# Please give me advice passenger gave me two 1 star ratings on the same trip.



## Kevin3981 (Feb 8, 2020)

Hello, I just started ubering last week. I have 30. Five star ratings I was on my way to getting premium SUV rides. I'm still a little unfamiliar with the setup.
So I pick up the customer and within two minutes. I'm looking at the navigation and I accidentally end the ride. She gets upset. She calls up Uber and starts another ride. I accept it and Continue to take her to her. destination. I apologized. I heard her complaining on the phone with Uber. They refunded her for the 1st 5 minutes of the trip. When you using Uber navigation I notice if u touch the screen the wrong way It's possible to accidentally end the trip. I already have five stars on the two trips.

Tonight I noticed my rating dropped to 4.6. And I know have two 1 star ratings. She was very upset and slam the door. So I'm positive. This was the customer that left the negative feedback. I called up Uber and ask them to at least just let her leave one negative feedback. I got hit with a double whammy.
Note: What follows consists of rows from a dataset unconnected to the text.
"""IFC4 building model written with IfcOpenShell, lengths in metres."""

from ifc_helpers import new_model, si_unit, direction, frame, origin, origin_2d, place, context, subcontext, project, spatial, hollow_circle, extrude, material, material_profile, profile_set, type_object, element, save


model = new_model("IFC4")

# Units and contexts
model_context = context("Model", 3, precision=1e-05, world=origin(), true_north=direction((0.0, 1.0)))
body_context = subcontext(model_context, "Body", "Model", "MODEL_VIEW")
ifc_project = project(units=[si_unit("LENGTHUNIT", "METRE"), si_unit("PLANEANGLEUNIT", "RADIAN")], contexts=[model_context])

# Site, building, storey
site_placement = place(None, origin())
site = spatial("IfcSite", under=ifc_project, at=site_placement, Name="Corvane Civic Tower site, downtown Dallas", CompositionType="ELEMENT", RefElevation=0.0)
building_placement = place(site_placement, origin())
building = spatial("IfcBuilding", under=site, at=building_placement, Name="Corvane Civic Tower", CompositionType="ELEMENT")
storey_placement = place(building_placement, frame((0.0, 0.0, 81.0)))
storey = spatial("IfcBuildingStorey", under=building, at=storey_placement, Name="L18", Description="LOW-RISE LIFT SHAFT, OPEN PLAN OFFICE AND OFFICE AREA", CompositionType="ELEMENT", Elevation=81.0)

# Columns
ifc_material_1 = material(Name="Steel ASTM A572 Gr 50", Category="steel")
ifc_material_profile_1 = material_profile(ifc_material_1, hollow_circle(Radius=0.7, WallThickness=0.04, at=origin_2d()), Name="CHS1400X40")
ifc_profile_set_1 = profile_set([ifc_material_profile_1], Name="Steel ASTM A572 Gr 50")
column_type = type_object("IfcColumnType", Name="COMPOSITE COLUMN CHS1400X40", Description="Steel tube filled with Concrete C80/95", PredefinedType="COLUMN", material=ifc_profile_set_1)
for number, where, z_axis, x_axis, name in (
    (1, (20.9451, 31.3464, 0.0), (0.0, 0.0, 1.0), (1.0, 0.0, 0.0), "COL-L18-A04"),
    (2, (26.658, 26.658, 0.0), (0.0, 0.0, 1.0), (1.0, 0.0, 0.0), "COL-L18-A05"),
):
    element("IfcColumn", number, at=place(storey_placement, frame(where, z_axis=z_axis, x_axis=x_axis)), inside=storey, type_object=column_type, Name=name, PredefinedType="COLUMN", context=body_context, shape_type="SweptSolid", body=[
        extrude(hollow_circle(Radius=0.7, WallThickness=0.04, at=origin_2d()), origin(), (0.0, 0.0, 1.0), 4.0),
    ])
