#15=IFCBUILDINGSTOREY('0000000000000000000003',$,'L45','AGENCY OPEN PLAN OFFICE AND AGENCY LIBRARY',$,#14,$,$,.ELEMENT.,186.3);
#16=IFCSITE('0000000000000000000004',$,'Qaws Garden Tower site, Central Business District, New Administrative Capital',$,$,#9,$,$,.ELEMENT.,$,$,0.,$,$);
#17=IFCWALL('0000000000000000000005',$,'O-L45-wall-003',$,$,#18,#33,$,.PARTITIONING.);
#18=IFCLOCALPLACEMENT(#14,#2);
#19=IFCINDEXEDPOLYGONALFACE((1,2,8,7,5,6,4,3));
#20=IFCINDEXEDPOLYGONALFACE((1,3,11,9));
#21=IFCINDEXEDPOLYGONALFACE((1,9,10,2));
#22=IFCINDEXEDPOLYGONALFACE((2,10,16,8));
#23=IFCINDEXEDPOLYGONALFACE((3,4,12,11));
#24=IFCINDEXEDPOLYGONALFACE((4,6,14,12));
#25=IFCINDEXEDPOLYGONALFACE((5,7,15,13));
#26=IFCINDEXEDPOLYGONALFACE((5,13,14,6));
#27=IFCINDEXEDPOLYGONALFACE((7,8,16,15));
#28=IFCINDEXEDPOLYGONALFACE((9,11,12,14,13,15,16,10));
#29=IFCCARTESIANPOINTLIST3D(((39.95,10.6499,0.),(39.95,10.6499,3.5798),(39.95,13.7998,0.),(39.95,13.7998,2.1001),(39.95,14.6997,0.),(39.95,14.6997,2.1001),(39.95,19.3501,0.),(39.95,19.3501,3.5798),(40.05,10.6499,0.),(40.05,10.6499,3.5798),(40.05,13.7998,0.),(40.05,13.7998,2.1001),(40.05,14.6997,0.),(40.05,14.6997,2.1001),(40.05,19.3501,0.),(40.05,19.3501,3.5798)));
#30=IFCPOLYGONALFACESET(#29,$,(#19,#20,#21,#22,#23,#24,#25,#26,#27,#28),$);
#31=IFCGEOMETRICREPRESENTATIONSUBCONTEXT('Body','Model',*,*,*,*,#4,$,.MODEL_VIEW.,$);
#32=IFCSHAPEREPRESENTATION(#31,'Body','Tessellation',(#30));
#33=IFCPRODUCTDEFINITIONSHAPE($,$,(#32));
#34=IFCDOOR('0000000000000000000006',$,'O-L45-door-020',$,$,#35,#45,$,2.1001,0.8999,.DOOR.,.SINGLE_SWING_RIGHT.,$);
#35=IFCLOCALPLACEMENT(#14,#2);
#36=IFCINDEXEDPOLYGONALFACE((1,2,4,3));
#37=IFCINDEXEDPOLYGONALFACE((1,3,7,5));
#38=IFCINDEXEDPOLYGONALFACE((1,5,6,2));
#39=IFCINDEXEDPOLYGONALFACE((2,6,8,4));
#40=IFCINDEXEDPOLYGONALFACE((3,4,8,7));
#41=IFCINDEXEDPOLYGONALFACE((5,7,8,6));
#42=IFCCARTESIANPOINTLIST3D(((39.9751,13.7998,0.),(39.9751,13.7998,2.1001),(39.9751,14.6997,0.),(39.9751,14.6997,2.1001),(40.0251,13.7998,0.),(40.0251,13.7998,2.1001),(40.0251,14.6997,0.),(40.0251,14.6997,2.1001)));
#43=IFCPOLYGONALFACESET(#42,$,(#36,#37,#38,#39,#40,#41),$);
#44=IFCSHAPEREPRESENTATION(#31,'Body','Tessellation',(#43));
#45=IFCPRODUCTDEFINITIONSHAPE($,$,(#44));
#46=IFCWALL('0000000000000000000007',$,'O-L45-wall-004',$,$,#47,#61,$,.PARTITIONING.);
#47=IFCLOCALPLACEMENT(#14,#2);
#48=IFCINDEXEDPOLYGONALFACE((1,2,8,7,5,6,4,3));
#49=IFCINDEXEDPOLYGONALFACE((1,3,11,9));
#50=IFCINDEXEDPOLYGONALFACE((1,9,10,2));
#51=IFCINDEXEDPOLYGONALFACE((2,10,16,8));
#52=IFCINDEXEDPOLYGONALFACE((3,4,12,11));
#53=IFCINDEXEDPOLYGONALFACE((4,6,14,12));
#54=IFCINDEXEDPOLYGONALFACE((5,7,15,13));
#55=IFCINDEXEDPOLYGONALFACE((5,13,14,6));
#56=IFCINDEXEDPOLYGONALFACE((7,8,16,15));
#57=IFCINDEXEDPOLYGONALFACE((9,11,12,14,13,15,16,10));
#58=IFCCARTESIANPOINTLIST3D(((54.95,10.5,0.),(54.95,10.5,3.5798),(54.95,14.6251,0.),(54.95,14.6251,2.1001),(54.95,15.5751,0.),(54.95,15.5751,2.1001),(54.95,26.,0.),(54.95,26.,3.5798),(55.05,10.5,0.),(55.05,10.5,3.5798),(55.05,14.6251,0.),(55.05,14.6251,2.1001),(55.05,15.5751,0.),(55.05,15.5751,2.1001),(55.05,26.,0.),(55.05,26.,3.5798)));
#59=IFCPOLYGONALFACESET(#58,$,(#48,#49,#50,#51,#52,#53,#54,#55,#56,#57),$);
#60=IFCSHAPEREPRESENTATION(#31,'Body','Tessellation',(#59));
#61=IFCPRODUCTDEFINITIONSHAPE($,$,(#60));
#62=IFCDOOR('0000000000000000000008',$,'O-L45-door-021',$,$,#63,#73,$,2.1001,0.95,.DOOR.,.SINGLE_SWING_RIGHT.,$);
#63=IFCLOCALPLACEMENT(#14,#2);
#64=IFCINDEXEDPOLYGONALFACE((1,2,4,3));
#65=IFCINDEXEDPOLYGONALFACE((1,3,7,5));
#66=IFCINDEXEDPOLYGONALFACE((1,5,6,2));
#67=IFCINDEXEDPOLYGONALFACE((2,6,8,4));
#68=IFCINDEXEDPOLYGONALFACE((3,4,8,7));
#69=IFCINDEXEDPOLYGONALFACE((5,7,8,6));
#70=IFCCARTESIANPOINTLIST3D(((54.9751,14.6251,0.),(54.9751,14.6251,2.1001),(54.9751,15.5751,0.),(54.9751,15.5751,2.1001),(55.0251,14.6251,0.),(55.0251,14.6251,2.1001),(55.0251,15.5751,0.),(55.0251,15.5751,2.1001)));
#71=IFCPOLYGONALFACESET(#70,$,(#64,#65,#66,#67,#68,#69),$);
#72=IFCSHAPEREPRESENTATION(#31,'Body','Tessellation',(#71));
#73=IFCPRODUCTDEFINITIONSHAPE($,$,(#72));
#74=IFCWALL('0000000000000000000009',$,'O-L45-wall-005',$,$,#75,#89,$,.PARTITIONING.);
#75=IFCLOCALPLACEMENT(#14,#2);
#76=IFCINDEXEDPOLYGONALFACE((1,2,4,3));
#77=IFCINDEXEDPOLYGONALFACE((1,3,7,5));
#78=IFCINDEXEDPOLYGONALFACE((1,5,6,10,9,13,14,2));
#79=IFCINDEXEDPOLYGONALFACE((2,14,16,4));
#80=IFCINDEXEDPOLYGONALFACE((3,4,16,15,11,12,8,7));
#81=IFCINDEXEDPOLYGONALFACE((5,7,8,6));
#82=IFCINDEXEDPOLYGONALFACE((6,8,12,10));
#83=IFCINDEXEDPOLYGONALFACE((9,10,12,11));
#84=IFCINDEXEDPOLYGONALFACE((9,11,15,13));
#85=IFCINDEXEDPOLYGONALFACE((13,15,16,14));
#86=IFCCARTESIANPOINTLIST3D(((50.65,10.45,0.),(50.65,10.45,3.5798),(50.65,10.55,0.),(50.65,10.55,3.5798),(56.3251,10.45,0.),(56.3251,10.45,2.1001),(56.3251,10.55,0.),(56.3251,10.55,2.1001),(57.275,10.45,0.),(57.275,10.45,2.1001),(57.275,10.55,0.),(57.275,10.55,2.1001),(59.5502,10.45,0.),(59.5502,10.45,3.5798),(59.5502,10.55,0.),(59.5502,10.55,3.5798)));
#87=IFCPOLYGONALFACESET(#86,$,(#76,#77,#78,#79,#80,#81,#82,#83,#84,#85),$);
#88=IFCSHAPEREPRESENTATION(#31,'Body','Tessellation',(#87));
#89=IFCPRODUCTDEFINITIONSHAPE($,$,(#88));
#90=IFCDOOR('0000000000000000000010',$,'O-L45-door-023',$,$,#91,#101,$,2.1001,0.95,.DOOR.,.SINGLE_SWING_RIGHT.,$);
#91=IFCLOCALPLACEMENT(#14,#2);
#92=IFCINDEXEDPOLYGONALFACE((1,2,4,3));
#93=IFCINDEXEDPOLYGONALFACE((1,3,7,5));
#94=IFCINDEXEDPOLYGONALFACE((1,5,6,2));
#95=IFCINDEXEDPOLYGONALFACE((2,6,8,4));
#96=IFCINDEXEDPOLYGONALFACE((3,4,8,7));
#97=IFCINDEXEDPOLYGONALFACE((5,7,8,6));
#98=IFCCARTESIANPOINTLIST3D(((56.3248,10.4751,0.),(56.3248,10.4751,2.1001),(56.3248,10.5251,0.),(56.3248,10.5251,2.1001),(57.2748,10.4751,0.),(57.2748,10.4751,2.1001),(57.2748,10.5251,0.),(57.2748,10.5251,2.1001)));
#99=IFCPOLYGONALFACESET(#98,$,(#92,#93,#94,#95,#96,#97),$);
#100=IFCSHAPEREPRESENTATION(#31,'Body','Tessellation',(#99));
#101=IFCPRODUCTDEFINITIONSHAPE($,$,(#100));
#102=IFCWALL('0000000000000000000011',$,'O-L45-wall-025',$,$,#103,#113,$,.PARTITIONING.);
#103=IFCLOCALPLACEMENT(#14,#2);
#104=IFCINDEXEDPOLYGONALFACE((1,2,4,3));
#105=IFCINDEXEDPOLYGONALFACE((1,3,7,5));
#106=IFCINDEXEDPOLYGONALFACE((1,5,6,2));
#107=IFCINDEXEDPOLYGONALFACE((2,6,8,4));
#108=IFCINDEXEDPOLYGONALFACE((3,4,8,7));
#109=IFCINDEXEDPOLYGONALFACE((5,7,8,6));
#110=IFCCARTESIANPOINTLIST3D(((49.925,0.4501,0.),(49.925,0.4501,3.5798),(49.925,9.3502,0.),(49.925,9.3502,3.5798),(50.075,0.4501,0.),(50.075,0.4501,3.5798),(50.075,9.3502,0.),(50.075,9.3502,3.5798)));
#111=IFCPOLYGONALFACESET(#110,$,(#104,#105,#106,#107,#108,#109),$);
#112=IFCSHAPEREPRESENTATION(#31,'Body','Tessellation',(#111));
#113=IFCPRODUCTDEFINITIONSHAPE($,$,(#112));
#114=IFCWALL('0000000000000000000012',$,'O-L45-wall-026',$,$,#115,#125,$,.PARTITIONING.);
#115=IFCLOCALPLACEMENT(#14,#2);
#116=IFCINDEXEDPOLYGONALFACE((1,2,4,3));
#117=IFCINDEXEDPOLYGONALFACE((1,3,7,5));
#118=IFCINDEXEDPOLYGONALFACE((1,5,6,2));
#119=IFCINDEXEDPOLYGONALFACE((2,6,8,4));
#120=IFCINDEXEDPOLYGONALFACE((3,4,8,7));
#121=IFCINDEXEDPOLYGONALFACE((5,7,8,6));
Why can a customer negatively impact your rating For an accident that was an honest mistake and uber doesn't care at all they just say to get more trips..

This killed my average and now I cant accept premium calls

Ouuch


----------



## MadTownUberD (Mar 11, 2017)

Don't worry. If you are new, you're in a Grace period and Uber will give you time to turn your rating around. Just don't make that mistake again.


----------



## JaxUberLyft (Jan 9, 2019)

Advice - thicken your skin or give up on this gig.

This too shall pass.


----------



## Trafficat (Dec 19, 2016)

If she was upset after accidentally ending the ride I would tell her she needs to book a new driver to avoid being double rated.

That, or I would take her for free to her destination.


----------



## Mista T (Aug 16, 2017)

JaxUberLyft said:


> Advice - thicken your skin or give up on this gig.
> 
> This too shall pass.


What Jax said.

Suck it up, buttercup.

Uber is a POS company with zero ethics. Consider yourself lucky that you found out this early in your driving days.


----------



## Defensive Driver (Aug 27, 2019)

JaxUberLyft said:


> Advice - thicken your skin or give up on this gig.
> 
> This too shall pass.


Make sure you kick their a*s out if they cross the line. Leave them stranded on that curb and rate them 1 Star.

Uber exposed me to a whole new world that I never thought existed. I'm only in my 20s. I had to mature up fast. I much rather drive Taxi. l I'm seriously considering full-time Taxi.


----------



## Eddie Dingle (Sep 23, 2019)

use ggogle maps or waze, the app nav is crap. also it means the nav app will be on top, so you cant accidentally mess with the uber app. Don't worry about the rating, it'll come back up pretty quickly.


----------



## Darrell Green Fan (Feb 9, 2016)

Didn't sound like a navigation problem, OP is new and unfamiliar with the app. But yeah go into the app and change the navigation, I use GoogleMaps as WAZE has too many popups and other crap that blocks the map. Hit the pic on the app, then Account-App Settings-Navigation.

Stuff like this happened to all of us when we were new. Don't sweat it as well as the rating. With only 50 rides those 2 one stars obviously have a big effect. Keep driving, get more 5 stars which will happen providing you don't have a dirty car, drive too fast or miss too many turns, and your rating will improve instantly. .


----------